2. § 12 Abs. 1 Satz 1 HeizkostenVO, wonach der Nutzer das Recht hat, bei der nicht verbrauchsabhängigen Abrechnung der Kosten den auf ihn entfallenden Anteil um 15 Prozent zu kürzen, greift hier nicht ein. Er betrifft den Fall, dass eine Verbrauchserfassung nicht möglich ist, gilt aber nicht, wenn trotz ordnungsgemäßer Funktion der Verbrauchserfassungsgeräte durch Verzicht auf eine mögliche Zwischenablesung der tatsächliche Verbrauch der einzelnen Nutzer bewusst nicht ermittelt wird.
AG Schöneberg, Urteil vom 5.10.05 – 104a C 226/05 –
Mitgeteilt von RA Dilip D. Maitra
Urteilstext
Aus den Entscheidungsgründen:
Die Klage ist zulässig aber nicht begründet.
Der Kläger hat gegen die Beklagten keinen Anspruch auf Ausgleich des in der Heizkostenabrechnung vom 23.9.2004 für den Zeitraum vom 1.12.2003 bis 30.4.2004 ermittelten Nachzahlungsbetrages in Höhe von 395,54 Euro.

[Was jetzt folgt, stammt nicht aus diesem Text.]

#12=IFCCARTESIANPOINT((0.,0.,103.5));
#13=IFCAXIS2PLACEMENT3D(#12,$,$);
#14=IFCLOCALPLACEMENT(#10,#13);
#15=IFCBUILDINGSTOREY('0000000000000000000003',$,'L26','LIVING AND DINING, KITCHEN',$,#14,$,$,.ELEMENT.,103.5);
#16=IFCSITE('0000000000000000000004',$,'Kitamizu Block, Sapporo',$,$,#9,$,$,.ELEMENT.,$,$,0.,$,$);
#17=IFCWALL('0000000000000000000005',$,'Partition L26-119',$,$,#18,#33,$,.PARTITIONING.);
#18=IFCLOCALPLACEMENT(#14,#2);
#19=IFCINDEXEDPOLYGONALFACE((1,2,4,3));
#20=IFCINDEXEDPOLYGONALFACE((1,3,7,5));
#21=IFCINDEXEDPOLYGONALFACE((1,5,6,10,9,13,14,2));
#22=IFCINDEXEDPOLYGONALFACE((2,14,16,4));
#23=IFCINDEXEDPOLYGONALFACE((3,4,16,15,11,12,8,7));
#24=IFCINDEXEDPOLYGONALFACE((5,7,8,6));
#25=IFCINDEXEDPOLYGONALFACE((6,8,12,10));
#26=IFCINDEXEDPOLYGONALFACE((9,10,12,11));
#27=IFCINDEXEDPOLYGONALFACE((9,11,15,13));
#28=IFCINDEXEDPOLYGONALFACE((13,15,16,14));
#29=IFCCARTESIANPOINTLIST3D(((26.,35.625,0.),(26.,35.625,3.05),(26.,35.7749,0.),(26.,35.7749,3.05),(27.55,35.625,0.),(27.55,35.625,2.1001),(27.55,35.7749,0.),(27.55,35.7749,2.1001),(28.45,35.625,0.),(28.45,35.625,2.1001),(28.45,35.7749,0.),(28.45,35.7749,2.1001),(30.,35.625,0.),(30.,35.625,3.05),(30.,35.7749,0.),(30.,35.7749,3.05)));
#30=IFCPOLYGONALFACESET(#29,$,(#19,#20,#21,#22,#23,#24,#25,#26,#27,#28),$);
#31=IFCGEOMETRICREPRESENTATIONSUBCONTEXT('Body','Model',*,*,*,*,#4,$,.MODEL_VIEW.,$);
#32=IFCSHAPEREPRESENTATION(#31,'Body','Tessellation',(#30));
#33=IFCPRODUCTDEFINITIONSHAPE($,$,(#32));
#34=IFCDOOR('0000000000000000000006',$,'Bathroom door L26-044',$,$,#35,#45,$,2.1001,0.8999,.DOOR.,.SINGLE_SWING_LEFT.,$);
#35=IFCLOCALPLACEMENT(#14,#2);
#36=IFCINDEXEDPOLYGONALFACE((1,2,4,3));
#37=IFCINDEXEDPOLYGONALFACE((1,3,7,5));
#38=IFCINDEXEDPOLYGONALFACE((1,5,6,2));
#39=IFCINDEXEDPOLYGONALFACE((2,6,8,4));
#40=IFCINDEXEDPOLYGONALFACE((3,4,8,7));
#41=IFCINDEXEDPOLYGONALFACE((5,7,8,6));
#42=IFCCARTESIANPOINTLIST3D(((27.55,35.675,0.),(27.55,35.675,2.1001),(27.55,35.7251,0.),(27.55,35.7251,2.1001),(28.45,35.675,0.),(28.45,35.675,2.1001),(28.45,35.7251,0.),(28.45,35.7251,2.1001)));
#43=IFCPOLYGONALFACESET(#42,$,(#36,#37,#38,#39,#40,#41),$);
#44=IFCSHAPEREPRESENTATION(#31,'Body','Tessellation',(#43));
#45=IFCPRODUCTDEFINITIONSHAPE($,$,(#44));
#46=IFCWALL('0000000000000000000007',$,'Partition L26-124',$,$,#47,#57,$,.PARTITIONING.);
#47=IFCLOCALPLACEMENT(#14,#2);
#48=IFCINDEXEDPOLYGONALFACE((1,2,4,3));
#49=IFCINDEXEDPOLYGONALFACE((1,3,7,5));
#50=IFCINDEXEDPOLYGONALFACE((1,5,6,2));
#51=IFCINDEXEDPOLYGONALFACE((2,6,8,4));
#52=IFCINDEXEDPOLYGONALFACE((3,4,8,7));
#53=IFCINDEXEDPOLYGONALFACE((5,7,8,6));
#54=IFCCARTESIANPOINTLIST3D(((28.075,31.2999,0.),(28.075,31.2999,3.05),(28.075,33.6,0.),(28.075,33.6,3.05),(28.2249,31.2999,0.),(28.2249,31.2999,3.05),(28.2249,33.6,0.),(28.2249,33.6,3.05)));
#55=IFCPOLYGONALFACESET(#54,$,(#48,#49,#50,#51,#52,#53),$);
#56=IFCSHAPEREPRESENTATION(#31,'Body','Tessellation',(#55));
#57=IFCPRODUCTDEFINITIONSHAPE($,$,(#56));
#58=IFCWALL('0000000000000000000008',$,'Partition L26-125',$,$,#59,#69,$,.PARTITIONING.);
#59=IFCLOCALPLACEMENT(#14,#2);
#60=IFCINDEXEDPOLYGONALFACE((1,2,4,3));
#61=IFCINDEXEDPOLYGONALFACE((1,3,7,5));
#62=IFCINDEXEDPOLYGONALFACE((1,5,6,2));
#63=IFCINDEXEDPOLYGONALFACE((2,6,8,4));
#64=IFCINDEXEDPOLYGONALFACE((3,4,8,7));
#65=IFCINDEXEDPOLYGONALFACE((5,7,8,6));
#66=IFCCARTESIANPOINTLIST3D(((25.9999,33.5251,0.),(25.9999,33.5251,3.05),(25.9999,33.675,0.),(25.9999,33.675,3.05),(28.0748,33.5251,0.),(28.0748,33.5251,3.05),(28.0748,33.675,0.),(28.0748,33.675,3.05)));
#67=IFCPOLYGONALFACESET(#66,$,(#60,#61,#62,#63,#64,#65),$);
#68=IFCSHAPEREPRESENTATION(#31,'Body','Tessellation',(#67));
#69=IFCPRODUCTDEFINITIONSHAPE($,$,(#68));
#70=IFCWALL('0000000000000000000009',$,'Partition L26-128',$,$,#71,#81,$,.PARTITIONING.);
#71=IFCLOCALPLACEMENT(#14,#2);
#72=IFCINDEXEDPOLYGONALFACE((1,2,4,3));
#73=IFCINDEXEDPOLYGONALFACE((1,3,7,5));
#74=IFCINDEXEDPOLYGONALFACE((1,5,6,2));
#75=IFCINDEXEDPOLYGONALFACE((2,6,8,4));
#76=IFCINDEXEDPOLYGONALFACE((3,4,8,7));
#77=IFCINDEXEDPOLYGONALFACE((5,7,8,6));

1. Unstreitig hat zwischen den Parteien auf Grund des Mietvertrages vom 10.10.2003 in der Zeit vom 1.12.2003 bis zum 15.9.2004 ein Mietverhältnis über eine 3,5-Zimmer-Wohnung im 3. Stock rechts des Vorderhauses auf dem Grundstück P.-Straße in Berlin bestanden.
Die Wohnung wird durch eine Öl-Zentralheizung mit Wärme sowie auch zentral mit warmem Wasser versorgt.
Die Aufwendungen hierfür werden nach dem Mietvertrag auf die angeschlossenen Wohnungen anteilig „entsprechend den gesetzlichen Vorgaben“ umgelegt, wobei ein fester Anteil in Höhe von 50 % nach dem Verbrauch verteilt werden soll.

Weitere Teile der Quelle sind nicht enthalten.